Он был свой, советский, понятный. Он уже уехал в большой темно-синей машине, которую за ним прислала фирма, а Лера все стояла на улице перед входом в гостиницу, под мелким, моросящим дождем Северной Италии, в эту пору года очень похожим и на московский и особенно на ленинградский, и улыбалась вслед машине. В шесть! Ровно в шесть!
Она забрала Толика у синьоры Марии; та даже огорчилась, что так быстро ее лишили общества приятного и обходительного молодого синьора, сказала, чтобы синьора Спада приводила его без стеснения в любой день и в любой час,– они, Антониони, будут только рады.
В пятом часу вернулся со службы Спада, Лера стала одеваться. Одно из лучших платьев, лучшие туфли – все лучшее.
– Куда ты собралась? – спросил он.
– Меня пригласил Булатов.
– Вот как! Успела снестись. Что ж, пойди проведай кумира ваших колхозников и прачек. Всем известно, что он сочиняет чтиво для простонародья.
– А я как раз из так называемого простонародья, синьор Бенито Спада. Но, кстати, и Пушкин, вслушиваясь в говор няни, в сказки, которые она ему рассказывала, тоже стремился писать для простонародья.
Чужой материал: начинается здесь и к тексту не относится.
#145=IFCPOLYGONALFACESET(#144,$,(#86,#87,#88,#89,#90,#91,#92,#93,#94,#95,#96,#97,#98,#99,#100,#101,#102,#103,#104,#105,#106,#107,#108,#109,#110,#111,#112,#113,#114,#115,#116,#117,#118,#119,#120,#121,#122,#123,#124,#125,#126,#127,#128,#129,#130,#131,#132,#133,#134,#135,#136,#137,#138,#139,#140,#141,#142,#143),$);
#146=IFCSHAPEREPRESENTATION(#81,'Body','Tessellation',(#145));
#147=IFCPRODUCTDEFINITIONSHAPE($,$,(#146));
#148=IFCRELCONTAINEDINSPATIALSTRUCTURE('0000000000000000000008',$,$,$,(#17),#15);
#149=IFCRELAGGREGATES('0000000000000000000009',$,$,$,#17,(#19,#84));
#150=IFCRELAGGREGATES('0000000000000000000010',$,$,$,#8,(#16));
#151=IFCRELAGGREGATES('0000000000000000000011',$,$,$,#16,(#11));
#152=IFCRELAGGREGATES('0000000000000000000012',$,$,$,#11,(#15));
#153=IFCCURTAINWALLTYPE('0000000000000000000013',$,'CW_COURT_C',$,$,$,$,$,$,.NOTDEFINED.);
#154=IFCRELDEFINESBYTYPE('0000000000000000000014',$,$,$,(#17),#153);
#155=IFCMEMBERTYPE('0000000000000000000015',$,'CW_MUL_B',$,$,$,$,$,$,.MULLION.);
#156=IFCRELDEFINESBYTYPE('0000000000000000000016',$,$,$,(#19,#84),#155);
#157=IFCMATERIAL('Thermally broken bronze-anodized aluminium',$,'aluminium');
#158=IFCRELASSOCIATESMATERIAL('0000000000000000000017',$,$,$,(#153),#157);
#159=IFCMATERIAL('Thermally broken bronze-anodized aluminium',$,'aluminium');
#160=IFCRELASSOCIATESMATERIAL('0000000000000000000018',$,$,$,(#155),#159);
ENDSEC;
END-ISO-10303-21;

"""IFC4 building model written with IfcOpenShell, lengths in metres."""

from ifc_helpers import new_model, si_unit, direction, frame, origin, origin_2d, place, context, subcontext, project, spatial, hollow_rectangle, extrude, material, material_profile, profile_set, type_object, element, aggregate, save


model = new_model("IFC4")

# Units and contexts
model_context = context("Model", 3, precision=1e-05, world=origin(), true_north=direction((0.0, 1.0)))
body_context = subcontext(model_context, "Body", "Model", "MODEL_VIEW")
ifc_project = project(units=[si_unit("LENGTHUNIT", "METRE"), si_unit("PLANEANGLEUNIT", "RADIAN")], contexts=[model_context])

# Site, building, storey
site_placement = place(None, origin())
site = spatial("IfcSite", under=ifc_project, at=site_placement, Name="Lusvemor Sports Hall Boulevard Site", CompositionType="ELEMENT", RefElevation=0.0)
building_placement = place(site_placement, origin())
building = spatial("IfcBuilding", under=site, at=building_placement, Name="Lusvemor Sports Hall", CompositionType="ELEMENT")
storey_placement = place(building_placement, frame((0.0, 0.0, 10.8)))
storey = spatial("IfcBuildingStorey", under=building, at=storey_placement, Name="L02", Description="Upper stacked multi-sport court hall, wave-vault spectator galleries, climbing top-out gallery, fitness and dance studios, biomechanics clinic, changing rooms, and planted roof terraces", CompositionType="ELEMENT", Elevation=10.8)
– Ха-ха! – раскатился деланным смехом Спада. – Пушкин и Булатов! Или кто там с ним прикатил: Краснодарцев, Громов? Классики!
В вестибюль гостиницы она вошла ровно в шесть. Булатов, посматривая на часы, уже ждал ее. В руках его был объемистый кожаный портфель.
– Точность – качество, удивительное для женщины,– сказал он, идя навстречу. – А тем более для моей соотечественницы.
Опять вокруг него были люди. Булатов оглянулся на них.
– Друзья,– сказал он,– вы не будете против, если мы захватим с собой и эту мою милую соотечественницу? Синьору Васильеву?
– О нет, здесь моя фамилия – Спада! – поправила Лера.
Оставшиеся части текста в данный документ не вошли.